O objetivo principal da liberdade assistida é garantir que o adolescente possa
contar com um adulto que o acompanhe, auxilie e oriente em sua inserção social,
junto à família, na escola, e no mercado de trabalho. A Prefeitura de Belo Horizonte-MG está aplicando com sucesso esta medida. A
municipalização favoreceu um atendimento mais adequado à realidade dos adolescentes
em conflito com a lei, facilitando o cumprimento das normas estabelecidas. No
Programa de Belo Horizonte, os jovens prestam contas de seus atos à equipe de
sua regional, em entrevistas semanais, e são acompanhados por orientadores
voluntários. O Programa busca oferecer aos adolescentes condições para a
satisfação de suas necessidades de saúde, educação e lazer, propiciando a
construção de um novo projeto de vida e o rompimento com a trajetória de
transgressão.
Inserido numa política mais ampla de atenção a crianças e adolescentes, o
Programa Liberdade Assistida foi implantado em abril de 1998 pela Secretaria
Municipal de Desenvolvimento Social (SMDS), em parceria com o Juizado da
Infância e do Adolescente e a Pastoral do Menor.

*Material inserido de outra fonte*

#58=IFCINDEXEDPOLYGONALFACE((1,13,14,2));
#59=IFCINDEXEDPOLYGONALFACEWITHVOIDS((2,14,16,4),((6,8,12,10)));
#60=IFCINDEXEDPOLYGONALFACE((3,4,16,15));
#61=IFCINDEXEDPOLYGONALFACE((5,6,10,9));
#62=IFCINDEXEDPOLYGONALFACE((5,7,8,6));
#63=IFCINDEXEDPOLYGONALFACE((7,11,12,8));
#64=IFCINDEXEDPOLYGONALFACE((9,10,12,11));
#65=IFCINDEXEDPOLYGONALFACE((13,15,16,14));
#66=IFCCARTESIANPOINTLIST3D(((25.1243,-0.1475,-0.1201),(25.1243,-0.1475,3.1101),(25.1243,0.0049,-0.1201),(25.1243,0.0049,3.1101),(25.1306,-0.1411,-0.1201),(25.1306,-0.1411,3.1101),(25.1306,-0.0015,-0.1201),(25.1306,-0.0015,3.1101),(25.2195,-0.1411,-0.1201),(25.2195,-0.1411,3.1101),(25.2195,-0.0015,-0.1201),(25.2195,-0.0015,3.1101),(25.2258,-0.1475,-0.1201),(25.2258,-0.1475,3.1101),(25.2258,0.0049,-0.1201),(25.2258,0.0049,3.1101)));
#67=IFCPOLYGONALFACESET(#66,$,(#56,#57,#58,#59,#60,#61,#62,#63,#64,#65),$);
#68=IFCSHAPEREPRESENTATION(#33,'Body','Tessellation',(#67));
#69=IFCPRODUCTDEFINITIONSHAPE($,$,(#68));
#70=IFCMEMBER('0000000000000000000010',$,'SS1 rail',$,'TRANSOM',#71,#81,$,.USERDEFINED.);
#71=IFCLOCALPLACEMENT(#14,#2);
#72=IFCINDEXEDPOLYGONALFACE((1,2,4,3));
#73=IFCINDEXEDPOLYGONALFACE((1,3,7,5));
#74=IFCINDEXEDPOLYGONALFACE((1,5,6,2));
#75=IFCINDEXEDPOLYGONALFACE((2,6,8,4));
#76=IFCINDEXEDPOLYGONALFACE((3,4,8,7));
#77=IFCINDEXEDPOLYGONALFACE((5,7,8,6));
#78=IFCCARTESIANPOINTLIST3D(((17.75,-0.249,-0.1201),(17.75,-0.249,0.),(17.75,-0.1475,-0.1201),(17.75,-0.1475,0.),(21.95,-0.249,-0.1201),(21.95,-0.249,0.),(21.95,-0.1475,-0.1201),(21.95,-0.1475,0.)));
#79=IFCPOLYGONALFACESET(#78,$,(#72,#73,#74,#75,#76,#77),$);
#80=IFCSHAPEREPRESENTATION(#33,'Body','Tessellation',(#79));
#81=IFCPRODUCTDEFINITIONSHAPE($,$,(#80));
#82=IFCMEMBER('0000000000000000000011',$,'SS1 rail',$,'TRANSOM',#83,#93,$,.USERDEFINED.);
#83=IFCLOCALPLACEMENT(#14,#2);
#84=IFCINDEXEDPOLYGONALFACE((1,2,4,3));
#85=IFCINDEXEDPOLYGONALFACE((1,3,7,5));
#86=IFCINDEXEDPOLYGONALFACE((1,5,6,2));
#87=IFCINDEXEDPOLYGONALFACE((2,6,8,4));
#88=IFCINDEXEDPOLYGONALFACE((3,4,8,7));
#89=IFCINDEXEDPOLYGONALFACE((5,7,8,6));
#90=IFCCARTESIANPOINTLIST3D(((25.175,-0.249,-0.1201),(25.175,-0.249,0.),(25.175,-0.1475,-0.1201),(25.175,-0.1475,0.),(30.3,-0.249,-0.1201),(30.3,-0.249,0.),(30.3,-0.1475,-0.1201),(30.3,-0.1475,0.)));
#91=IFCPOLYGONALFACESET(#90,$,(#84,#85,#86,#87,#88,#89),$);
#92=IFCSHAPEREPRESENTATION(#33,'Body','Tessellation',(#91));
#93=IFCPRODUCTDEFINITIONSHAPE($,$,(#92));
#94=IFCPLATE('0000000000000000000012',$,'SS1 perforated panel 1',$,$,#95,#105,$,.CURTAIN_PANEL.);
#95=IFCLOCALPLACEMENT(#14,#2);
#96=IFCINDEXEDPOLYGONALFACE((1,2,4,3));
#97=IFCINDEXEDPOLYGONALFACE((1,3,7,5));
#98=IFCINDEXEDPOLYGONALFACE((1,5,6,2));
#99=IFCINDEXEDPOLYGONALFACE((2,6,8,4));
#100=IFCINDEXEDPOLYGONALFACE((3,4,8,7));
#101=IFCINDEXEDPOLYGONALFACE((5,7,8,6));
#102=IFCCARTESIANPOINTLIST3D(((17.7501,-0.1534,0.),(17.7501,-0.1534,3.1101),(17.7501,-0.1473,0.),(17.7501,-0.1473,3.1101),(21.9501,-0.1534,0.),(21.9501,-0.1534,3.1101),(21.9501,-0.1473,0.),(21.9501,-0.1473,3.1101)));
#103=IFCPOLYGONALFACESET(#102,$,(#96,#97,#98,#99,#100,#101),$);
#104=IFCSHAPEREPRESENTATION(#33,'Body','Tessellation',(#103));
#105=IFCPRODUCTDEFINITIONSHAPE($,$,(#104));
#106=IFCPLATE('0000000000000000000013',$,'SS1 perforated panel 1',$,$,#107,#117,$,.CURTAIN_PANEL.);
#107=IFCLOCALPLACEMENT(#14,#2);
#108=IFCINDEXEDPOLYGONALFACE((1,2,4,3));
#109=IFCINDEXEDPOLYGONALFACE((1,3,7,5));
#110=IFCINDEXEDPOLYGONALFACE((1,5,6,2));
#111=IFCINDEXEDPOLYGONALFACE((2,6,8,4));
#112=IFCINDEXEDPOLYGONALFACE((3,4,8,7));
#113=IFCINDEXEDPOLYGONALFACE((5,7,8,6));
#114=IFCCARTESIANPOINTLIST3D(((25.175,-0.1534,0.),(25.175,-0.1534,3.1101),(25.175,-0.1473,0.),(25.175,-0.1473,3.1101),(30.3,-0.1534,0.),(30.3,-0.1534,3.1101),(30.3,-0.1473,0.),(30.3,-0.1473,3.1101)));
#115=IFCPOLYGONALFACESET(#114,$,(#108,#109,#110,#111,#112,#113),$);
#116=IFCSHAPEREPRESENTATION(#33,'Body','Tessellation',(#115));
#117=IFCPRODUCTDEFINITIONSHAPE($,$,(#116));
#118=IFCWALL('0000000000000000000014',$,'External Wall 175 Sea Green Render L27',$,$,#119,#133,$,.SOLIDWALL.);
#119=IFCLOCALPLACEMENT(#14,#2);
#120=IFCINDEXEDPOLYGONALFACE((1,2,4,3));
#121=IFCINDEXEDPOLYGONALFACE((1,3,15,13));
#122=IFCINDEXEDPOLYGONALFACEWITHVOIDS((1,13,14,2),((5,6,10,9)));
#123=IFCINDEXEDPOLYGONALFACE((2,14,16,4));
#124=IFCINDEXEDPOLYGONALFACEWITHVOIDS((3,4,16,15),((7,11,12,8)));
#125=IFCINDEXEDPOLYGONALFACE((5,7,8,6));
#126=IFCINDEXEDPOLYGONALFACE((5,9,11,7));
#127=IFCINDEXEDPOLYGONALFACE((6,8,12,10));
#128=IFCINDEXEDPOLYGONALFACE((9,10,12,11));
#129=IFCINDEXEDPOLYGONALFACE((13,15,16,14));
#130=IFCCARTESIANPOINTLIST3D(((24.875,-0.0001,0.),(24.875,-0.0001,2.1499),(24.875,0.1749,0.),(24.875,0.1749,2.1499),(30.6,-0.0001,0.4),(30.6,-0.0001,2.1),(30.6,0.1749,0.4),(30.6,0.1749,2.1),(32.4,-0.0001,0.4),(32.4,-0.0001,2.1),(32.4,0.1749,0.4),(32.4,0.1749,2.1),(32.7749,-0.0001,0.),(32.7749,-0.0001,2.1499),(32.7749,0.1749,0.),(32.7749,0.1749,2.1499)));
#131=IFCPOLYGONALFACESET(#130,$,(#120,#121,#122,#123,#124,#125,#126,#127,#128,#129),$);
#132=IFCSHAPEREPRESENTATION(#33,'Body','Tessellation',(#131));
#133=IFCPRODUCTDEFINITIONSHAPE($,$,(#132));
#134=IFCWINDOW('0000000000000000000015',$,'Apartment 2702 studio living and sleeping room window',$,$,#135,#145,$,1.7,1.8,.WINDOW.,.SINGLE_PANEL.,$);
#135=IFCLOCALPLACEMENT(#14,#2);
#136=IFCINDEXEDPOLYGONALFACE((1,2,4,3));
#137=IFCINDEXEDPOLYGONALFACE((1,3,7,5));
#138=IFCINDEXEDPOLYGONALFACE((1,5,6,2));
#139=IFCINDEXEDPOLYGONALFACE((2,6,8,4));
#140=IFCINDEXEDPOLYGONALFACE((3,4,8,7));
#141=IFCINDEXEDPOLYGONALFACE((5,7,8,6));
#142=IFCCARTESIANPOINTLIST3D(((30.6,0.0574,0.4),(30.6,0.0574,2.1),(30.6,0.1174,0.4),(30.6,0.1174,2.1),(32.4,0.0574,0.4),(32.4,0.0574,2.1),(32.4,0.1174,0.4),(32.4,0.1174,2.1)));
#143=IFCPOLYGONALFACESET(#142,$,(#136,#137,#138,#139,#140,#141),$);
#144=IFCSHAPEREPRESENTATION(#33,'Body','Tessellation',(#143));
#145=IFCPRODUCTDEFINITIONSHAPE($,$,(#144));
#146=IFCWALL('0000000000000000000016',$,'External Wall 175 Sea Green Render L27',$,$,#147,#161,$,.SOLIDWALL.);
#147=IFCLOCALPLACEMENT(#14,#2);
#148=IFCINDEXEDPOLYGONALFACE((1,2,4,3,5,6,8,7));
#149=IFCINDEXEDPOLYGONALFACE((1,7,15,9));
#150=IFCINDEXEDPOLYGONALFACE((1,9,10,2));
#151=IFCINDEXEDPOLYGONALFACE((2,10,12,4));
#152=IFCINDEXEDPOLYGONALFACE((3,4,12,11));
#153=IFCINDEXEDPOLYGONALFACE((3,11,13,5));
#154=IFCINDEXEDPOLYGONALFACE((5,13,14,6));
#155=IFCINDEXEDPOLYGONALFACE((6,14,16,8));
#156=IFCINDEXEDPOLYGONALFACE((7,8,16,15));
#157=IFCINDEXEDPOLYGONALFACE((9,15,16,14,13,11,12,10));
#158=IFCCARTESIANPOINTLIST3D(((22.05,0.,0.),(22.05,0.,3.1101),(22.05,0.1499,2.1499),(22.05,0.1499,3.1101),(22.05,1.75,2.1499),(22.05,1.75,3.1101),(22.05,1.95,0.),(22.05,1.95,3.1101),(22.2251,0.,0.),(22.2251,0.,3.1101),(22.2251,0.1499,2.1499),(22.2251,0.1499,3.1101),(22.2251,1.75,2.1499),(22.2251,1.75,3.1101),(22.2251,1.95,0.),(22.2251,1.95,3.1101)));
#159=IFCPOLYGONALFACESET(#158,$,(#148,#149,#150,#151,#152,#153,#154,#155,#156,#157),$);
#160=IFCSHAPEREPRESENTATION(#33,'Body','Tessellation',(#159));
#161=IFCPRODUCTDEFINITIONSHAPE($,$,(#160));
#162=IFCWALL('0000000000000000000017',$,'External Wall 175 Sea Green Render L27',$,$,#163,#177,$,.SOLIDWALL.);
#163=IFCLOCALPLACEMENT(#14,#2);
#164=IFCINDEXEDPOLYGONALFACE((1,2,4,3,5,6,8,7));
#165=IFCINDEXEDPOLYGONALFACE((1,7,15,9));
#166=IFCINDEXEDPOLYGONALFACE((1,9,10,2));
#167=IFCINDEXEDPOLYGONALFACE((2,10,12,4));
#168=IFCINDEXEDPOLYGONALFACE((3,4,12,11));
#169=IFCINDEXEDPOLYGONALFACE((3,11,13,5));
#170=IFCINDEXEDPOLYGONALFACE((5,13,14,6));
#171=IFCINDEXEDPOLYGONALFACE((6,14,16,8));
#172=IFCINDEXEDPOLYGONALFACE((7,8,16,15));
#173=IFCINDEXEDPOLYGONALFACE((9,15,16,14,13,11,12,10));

Em cada uma das nove regionais há um ou dois técnicos de referência -
psicólogos e assistentes sociais - contratados pela SMDS, que trabalham em
parceria com os orientadores sociais voluntários. Atualmente são atendidos 375
jovens, entre 12 e 20 anos, mas esse número varia em função de novos
encaminhamentos.
OBJETIVOS
O objetivo do Programa Liberdade Assistida da Prefeitura de Belo Horizonte é
acompanhar a vida social do adolescente infrator, sem retirá-lo do convívio da
comunidade à qual pertence. Para isso, descentraliza e flexibiliza o
acompanhamento das crianças e adolescentes que praticaram delitos.
Ao mesmo tempo em que cumpre a medida prevista no Estatuto da Criança e do
Adolescente, o Programa busca criar condições para que o adolescente que está
em regime de liberdade assistida seja capaz de construir um projeto de vida que
rompa com a prática do ato infracional, desenvolvendo
a confiança e a capacidade de reflexão sobre suas vivências, dificuldades e
ação no mundo. Mobiliza lideranças e organizações não-governamentais para
inserir esses jovens na comunidade, ao mesmo tempo em que vai se tornando uma
experiência de referência no atendimento ao adolescente infrator, oferecendo um
atendimento de qualidade que respeite sua cidadania e sua dignidade.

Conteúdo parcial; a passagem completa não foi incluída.